Présentation/Personnaliser la barre d'outils...  et tu ajoutes l'icône "téléchargements", tu n'auras qu'a cliquer dessus quand tu en as besoin.


----------



## Any (3 Mars 2009)

je n'ait pas l'icône téléchargement !


----------



## Deleted member 18124 (4 Mars 2009)

Pas possible.


----------



## marctiger (4 Mars 2009)

iDuck a dit:


> Pas possible.



Ou alors yanoa n'est pas sous Safari.


----------



## meskh (4 Mars 2009)

Pas sur Safari 4 Bêta


----------



## marctiger (5 Mars 2009)

meskh a dit:


> Pas sur Safari 4 Bêta



Tu veux dire que sur la Bêta 4 il n'y a pas de fenêtre de téléchargelment, ni de chemin pour y accéder ?


----------



## meskh (5 Mars 2009)

oui je ne trouve pas d'icone telechargement à mettre dans la barre d'outils 

mais la fenetre existe  alt + pomme + L


----------



## marctiger (5 Mars 2009)

meskh a dit:


> oui je ne trouve pas d'icone telechargement à mettre dans la barre d'outils
> 
> mais la fenetre existe  alt + pomme + L



Je n'utilises pas la Bêta, c'est justa pour savoir, mais là on ne sait rien de plus de yaona24... pas de nouvelles.

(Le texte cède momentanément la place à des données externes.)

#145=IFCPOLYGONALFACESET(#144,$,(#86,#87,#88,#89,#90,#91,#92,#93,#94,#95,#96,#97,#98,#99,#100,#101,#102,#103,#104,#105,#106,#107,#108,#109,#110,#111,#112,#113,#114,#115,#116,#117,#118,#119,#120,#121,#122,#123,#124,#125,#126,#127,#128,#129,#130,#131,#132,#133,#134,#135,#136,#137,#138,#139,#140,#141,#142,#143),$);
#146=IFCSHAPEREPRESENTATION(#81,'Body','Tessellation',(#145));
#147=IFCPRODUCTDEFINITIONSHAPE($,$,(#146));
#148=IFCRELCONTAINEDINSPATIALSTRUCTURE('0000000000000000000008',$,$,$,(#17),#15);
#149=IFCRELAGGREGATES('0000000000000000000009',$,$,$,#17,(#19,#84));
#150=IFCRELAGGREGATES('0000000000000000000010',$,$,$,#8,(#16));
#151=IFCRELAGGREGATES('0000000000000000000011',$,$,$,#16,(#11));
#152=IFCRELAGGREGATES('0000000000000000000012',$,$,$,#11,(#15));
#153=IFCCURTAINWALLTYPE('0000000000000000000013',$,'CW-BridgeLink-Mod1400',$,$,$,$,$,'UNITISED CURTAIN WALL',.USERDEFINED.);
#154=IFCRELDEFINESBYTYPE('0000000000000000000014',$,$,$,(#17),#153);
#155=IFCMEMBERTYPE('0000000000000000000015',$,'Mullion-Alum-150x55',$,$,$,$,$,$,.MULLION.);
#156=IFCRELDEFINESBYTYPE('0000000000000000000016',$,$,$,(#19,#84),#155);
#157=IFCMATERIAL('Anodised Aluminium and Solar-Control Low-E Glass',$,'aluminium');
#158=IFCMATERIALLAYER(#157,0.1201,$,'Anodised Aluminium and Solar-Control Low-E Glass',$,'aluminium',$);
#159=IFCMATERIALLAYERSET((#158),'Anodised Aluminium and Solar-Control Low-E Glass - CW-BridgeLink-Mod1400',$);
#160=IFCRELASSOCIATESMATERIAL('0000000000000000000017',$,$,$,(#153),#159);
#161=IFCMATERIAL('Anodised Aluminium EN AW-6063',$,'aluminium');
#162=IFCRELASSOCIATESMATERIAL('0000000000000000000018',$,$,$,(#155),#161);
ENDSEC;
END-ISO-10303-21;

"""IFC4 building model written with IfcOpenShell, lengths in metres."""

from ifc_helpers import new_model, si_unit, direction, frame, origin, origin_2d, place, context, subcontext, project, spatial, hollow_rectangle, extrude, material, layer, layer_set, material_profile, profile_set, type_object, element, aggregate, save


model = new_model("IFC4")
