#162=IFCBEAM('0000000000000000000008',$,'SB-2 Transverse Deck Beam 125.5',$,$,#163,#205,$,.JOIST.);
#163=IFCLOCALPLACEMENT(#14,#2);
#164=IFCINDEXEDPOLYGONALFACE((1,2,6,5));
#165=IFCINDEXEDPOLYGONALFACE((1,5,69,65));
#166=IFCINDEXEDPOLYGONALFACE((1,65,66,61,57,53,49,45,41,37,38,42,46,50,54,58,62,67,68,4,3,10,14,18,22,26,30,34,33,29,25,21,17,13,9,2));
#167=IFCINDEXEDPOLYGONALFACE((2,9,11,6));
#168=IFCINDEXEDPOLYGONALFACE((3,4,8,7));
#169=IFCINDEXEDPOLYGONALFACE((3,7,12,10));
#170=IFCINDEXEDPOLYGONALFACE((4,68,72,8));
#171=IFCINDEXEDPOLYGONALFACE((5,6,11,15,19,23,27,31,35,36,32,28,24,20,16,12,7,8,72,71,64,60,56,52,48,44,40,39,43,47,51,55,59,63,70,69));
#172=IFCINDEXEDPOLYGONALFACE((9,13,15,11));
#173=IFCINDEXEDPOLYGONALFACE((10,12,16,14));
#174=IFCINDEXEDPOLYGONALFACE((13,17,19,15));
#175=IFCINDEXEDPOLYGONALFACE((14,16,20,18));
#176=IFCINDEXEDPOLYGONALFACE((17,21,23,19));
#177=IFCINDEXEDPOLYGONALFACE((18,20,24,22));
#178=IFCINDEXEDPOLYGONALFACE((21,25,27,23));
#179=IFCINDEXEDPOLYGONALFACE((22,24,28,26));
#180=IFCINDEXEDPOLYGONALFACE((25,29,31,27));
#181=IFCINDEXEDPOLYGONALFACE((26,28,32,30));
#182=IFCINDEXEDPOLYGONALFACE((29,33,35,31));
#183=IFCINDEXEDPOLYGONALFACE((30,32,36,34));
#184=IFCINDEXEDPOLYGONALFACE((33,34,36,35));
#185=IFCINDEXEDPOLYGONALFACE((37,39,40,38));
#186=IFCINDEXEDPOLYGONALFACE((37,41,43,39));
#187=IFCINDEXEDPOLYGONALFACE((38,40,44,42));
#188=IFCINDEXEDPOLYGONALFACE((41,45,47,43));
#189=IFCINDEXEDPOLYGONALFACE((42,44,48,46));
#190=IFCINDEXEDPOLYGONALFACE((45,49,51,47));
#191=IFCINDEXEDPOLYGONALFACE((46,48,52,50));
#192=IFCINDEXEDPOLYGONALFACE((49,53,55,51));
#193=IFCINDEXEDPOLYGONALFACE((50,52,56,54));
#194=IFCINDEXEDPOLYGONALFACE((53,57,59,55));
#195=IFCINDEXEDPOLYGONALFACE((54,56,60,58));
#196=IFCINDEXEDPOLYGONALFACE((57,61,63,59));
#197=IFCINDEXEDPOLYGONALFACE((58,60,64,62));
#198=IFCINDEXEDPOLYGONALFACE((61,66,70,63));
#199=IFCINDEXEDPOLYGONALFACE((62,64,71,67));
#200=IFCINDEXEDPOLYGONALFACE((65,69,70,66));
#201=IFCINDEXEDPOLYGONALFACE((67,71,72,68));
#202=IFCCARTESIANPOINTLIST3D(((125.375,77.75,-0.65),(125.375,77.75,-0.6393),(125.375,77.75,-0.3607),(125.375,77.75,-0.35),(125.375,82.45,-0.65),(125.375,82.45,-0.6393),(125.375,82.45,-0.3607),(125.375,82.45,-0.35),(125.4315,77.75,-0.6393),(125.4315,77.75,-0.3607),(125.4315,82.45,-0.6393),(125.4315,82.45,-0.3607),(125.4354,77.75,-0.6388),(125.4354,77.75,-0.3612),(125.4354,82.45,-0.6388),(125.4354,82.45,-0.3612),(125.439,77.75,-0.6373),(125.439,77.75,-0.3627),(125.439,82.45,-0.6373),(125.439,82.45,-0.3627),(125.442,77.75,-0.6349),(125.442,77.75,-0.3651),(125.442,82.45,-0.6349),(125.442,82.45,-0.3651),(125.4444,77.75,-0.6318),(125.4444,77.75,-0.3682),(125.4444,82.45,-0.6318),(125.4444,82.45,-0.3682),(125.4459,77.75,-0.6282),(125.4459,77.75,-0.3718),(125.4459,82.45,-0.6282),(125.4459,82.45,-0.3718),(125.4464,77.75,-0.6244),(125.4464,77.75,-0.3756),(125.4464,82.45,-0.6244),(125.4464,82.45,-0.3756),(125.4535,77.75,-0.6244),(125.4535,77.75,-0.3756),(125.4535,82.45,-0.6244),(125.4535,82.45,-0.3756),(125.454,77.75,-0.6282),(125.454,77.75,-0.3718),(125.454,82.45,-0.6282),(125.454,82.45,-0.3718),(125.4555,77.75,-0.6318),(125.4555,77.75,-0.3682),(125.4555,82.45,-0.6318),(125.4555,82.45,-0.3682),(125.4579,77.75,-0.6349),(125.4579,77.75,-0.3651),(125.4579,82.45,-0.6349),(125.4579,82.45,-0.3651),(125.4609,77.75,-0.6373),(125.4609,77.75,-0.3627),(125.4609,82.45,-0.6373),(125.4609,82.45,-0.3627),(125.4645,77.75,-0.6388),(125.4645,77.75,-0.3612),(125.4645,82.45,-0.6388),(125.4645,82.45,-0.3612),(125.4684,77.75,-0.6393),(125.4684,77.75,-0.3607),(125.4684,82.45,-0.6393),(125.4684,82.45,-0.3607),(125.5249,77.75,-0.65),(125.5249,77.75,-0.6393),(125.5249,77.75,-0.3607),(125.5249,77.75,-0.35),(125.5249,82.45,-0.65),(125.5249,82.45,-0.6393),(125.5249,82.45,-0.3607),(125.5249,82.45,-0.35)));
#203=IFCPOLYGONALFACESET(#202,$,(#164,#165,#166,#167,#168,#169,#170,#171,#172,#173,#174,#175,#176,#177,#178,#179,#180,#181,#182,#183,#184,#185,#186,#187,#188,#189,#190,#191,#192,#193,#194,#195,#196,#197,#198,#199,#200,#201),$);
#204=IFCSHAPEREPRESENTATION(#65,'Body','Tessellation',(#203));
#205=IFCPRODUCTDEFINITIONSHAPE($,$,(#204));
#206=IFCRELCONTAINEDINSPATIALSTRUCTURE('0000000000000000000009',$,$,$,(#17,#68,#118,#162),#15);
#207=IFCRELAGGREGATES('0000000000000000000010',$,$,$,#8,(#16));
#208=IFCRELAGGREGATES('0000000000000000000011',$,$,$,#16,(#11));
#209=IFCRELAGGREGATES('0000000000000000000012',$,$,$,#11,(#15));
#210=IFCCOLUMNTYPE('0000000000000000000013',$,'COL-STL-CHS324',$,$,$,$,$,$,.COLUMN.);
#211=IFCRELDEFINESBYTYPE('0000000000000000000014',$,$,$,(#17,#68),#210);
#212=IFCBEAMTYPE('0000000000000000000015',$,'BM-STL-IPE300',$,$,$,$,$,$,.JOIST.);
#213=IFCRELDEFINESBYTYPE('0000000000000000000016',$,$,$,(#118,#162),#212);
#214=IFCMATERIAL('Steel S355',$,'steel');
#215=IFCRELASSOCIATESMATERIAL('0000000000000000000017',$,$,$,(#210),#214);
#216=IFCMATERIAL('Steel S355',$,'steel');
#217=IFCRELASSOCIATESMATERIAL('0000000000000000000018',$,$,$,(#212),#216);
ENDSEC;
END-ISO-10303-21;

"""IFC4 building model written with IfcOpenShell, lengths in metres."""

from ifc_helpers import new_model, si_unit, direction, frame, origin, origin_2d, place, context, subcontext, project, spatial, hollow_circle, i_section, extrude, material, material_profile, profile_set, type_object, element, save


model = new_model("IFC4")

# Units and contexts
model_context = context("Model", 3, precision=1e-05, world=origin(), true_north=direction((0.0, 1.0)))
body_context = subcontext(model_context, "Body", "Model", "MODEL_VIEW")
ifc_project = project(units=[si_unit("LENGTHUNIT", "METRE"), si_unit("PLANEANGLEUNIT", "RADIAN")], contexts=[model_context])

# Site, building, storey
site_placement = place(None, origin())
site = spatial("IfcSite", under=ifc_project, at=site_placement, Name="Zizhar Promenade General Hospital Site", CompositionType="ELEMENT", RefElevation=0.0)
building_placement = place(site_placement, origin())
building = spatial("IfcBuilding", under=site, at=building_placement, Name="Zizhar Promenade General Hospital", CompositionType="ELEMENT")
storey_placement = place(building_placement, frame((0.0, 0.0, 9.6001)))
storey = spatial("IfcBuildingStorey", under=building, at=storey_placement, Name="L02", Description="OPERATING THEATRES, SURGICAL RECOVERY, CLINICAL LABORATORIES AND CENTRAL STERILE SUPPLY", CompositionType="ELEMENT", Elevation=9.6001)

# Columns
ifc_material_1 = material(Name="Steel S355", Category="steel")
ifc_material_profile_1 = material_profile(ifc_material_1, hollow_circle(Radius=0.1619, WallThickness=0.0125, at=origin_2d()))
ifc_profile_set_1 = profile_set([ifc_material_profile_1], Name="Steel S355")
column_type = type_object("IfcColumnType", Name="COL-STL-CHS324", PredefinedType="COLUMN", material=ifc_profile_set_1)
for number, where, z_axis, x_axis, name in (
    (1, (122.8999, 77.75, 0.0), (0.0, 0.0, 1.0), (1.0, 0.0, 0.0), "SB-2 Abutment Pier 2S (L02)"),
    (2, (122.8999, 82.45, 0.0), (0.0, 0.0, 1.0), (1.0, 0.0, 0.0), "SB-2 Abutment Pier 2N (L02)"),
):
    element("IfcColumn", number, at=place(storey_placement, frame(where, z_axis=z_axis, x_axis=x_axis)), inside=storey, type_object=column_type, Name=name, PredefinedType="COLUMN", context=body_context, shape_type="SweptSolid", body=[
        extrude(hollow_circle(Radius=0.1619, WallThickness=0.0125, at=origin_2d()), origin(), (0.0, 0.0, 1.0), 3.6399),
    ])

Utilises-t-il celle-là... résolu ou non... ?


----------



## cdo83 (6 Mars 2009)

Bonsoir,
J'interviens car je pense qu'effectivement, avoir la boîte de téléchargement sous les yeux ne serait pas mal. 
Mais Any a raison, avec Safari 3.2.1, on ne trouve pas l'icône de téléchargement parmi celles qui sont proposées dans la boîte de dialogue pour personnaliser sa barre d'outils.
Peut-être faut-il avoir Safari 4 ?

http://img17.imageshack.us/img17/3192/image2ccn.png


----------



## marctiger (7 Mars 2009)

Tiens oui... je n'avais pas remarqué, je dois dire que perso je ne vois pas l'intérêt d'avoir cette fenêtre en permanence, je trouverais plutôt cela dérangeant, mais bon c'est chacun selon. 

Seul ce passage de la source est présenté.